Widespread vaccine hesitancy and the absence of Covid-appropriate behaviour, especially in rural and moffusil India, are becoming critical problems in controlling the wildfire spread of the second wave of the pandemic. In these districts, local health workers are reporting flat refusals by citizens to be vaccinated on fears that the vaccine would cause serious side effects. This is partly the result of the distrust created by the government’s initial lack of transparency on the vaccines. On the other hand, sheer ignorance about the criticality of masking and social distancing is making rural India a superspreader by default. Given that these issues were well known before the vaccination drive began in January, a sustained campaign to address the criticality and safety of vaccines would have been in order. Although the government did put out some posters to this effect and some messages appeared on TV channels, the effort appeared to be in the nature of a token gesture rather than a serious campaign.
Union Health Minister Harsh Vardhan spoke of how smallpox and polio were eliminated in India through a mass immunisation programme. The reference was apt because both those programmes involved energetic and widespread education campaigns that were driven from the prime minister’s office in conjunction with the World Health Organization and some of the country’s largest corporations, and involved hundreds of thousands of health workers. Surviving posters from the smallpox and polio programmes confirm the imaginative use of imagery and messaging — from the invocation of Shitala Mata as the “pox goddess” to evocative posters that resembled tobacco warnings on cigarette packets, warning of the dangers of going unvaccinated.

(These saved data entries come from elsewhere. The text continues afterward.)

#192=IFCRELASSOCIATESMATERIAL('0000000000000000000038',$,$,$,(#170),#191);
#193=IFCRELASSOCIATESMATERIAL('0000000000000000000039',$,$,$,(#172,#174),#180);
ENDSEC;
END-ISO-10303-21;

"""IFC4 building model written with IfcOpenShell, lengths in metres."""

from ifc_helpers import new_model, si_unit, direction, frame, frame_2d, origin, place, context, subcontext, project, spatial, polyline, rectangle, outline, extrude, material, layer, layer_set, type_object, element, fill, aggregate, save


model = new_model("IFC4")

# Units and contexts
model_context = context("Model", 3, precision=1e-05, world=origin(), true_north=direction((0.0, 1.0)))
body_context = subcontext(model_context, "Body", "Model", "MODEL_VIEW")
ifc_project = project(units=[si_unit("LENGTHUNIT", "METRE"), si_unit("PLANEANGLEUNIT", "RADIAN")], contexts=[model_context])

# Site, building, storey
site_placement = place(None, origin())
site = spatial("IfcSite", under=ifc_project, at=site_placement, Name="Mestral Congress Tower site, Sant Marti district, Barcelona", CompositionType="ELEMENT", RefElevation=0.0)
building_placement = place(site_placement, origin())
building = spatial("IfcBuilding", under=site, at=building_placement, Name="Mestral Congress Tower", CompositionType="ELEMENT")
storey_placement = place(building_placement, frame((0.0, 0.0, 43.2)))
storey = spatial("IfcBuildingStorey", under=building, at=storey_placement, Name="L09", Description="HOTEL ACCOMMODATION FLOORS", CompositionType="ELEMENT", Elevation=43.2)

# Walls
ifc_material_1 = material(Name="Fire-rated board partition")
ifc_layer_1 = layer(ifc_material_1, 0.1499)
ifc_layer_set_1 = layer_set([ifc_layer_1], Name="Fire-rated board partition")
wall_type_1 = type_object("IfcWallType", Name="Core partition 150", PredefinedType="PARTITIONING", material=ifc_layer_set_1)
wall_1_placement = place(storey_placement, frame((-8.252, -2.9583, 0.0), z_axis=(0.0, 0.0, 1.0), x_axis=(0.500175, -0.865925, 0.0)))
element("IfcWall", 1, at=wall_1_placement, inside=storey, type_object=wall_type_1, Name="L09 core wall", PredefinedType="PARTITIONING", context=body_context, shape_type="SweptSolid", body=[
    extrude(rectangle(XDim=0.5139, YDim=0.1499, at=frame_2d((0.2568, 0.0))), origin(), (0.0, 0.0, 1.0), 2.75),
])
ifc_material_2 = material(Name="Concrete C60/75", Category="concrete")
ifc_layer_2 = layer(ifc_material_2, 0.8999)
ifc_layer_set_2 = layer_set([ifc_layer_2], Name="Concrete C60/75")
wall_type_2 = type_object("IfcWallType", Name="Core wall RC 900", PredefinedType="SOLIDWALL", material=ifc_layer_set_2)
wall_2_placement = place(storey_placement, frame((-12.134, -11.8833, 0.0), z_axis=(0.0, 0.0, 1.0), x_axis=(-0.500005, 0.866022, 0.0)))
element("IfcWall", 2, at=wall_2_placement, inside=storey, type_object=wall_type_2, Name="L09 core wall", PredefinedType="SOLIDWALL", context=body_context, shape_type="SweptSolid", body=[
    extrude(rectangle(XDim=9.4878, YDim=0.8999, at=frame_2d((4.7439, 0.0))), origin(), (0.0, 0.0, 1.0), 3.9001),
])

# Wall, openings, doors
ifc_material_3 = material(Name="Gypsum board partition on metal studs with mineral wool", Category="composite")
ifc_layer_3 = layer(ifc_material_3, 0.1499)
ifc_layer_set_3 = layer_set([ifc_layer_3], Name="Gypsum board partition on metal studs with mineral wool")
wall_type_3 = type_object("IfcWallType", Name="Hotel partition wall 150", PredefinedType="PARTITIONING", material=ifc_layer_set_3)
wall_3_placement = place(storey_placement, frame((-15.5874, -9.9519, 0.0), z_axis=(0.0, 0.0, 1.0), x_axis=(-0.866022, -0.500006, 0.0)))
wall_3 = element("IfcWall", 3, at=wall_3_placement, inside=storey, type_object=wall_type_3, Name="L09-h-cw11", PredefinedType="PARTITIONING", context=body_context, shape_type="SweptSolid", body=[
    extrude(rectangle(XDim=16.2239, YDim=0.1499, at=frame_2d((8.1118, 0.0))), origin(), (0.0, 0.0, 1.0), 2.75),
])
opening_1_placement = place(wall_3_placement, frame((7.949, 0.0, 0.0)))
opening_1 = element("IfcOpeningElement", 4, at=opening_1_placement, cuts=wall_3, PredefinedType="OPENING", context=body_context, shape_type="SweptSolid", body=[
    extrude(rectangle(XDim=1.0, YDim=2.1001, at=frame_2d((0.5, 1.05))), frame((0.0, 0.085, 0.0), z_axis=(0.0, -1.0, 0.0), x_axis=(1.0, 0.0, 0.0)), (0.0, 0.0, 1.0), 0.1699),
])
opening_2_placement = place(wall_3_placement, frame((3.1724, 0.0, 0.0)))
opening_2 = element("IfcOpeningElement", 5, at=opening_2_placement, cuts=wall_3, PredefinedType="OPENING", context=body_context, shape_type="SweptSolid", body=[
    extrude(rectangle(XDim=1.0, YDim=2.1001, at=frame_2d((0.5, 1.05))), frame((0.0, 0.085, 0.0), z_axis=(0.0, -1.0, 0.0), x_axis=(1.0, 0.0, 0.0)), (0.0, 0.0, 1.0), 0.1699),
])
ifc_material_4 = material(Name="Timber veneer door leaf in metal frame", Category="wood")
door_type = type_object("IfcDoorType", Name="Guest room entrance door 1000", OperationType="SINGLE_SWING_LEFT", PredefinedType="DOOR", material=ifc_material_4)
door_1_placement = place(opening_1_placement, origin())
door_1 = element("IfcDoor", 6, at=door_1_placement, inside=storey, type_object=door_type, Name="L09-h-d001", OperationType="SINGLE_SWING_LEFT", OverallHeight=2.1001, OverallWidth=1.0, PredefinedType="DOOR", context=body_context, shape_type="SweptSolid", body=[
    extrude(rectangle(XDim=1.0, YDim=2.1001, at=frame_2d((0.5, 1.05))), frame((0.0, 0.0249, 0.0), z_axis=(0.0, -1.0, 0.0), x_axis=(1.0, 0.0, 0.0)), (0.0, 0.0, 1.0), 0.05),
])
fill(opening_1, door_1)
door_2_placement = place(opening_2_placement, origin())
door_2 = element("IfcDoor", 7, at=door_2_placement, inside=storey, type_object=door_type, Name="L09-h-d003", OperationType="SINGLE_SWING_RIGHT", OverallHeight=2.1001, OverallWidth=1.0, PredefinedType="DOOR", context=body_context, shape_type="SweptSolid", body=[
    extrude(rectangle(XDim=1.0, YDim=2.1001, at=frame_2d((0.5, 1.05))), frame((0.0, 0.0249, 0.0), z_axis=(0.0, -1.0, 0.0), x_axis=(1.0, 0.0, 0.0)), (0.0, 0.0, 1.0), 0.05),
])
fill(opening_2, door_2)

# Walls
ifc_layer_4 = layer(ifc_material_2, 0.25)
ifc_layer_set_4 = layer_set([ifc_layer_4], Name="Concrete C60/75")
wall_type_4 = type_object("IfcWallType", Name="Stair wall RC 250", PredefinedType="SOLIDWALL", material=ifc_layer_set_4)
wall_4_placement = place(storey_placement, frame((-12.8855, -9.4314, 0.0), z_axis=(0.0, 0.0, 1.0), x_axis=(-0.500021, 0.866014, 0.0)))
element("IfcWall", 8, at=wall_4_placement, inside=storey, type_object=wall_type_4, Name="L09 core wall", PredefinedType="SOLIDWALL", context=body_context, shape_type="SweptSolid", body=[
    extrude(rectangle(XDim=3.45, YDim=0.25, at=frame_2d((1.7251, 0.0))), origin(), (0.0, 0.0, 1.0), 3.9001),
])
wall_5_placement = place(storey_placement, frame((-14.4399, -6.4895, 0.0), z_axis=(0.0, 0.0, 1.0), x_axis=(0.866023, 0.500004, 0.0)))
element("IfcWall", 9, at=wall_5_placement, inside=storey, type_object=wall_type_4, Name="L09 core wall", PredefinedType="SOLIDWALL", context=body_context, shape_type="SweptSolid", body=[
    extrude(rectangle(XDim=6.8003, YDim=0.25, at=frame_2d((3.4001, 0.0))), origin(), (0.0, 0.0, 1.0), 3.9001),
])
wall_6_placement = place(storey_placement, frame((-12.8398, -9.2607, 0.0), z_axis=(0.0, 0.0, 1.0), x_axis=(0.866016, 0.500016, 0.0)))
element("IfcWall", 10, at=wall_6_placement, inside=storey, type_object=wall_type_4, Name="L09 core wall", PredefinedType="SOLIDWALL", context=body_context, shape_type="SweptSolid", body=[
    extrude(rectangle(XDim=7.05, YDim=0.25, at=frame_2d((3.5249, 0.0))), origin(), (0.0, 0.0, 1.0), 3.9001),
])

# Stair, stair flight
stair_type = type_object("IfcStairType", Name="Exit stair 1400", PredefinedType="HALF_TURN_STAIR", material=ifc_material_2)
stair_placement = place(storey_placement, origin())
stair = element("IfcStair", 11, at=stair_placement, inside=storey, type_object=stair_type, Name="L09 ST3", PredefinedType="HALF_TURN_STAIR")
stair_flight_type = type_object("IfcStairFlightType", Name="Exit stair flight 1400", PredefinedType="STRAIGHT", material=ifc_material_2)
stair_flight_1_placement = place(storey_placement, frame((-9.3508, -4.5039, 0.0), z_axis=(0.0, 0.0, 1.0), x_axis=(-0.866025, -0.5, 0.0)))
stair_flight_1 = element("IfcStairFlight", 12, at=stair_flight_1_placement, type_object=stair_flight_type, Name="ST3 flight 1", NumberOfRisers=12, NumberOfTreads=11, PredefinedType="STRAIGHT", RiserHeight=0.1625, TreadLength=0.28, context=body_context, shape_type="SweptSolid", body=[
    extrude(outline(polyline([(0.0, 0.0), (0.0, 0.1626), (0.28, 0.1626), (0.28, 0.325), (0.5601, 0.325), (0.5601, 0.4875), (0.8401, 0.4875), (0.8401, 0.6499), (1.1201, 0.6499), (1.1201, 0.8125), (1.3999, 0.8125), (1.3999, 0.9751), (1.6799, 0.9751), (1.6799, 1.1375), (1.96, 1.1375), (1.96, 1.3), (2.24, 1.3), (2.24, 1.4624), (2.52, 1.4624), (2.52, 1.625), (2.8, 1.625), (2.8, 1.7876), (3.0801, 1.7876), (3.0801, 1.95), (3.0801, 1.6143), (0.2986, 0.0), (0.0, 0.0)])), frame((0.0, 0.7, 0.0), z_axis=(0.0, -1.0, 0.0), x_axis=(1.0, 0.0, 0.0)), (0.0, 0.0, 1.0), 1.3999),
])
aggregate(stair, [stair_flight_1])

The irony is that India is endowed with far richer media and corporate resources to spread the messages more convincingly than it had in the 1970s. In those days, the effort relied on a government-owned radio channel, messages scrawled on walls, and saturation coverage of posters backed by armies of trained workers to administer vaccines. People were offered a reward of Rs 100 if they reported smallpox cases to the local health centre, which proved an effective track-and-trace system. Today, the reach of Doordarshan and social media is far larger and access to the remotest parts of India way better than it was four decades ago. With a wealth of advertising talent at India’s disposal, it would be relatively easy to conceive of nationwide local language campaigns endorsed by celebrities such as Virat Kohli, Amitabh Bachchan, Rajinikanth, P V Sindhu, or Alia Bhatt. If mobile ringtones can be fashioned for political messages at election time, they can be used to exhort people to mask up, a practice some state administrations did follow in the early days, and take the jab too.
Now, as then, these efforts could be bolstered by working with panchayat and local health auxiliaries as well as public and private sector corporations with large operations in the hinterlands. Including the spend on such education programmes under the CSR mandate rather than restricting them to creating pandemic infrastructure would help. The government might discover greater benefits if it were to apply itself to this urgent messaging effort rather than launching a TV channel to convey its views abroad. India’s international image would, after all, benefit infinitely more from a sound vaccination campaign than talking heads on TV.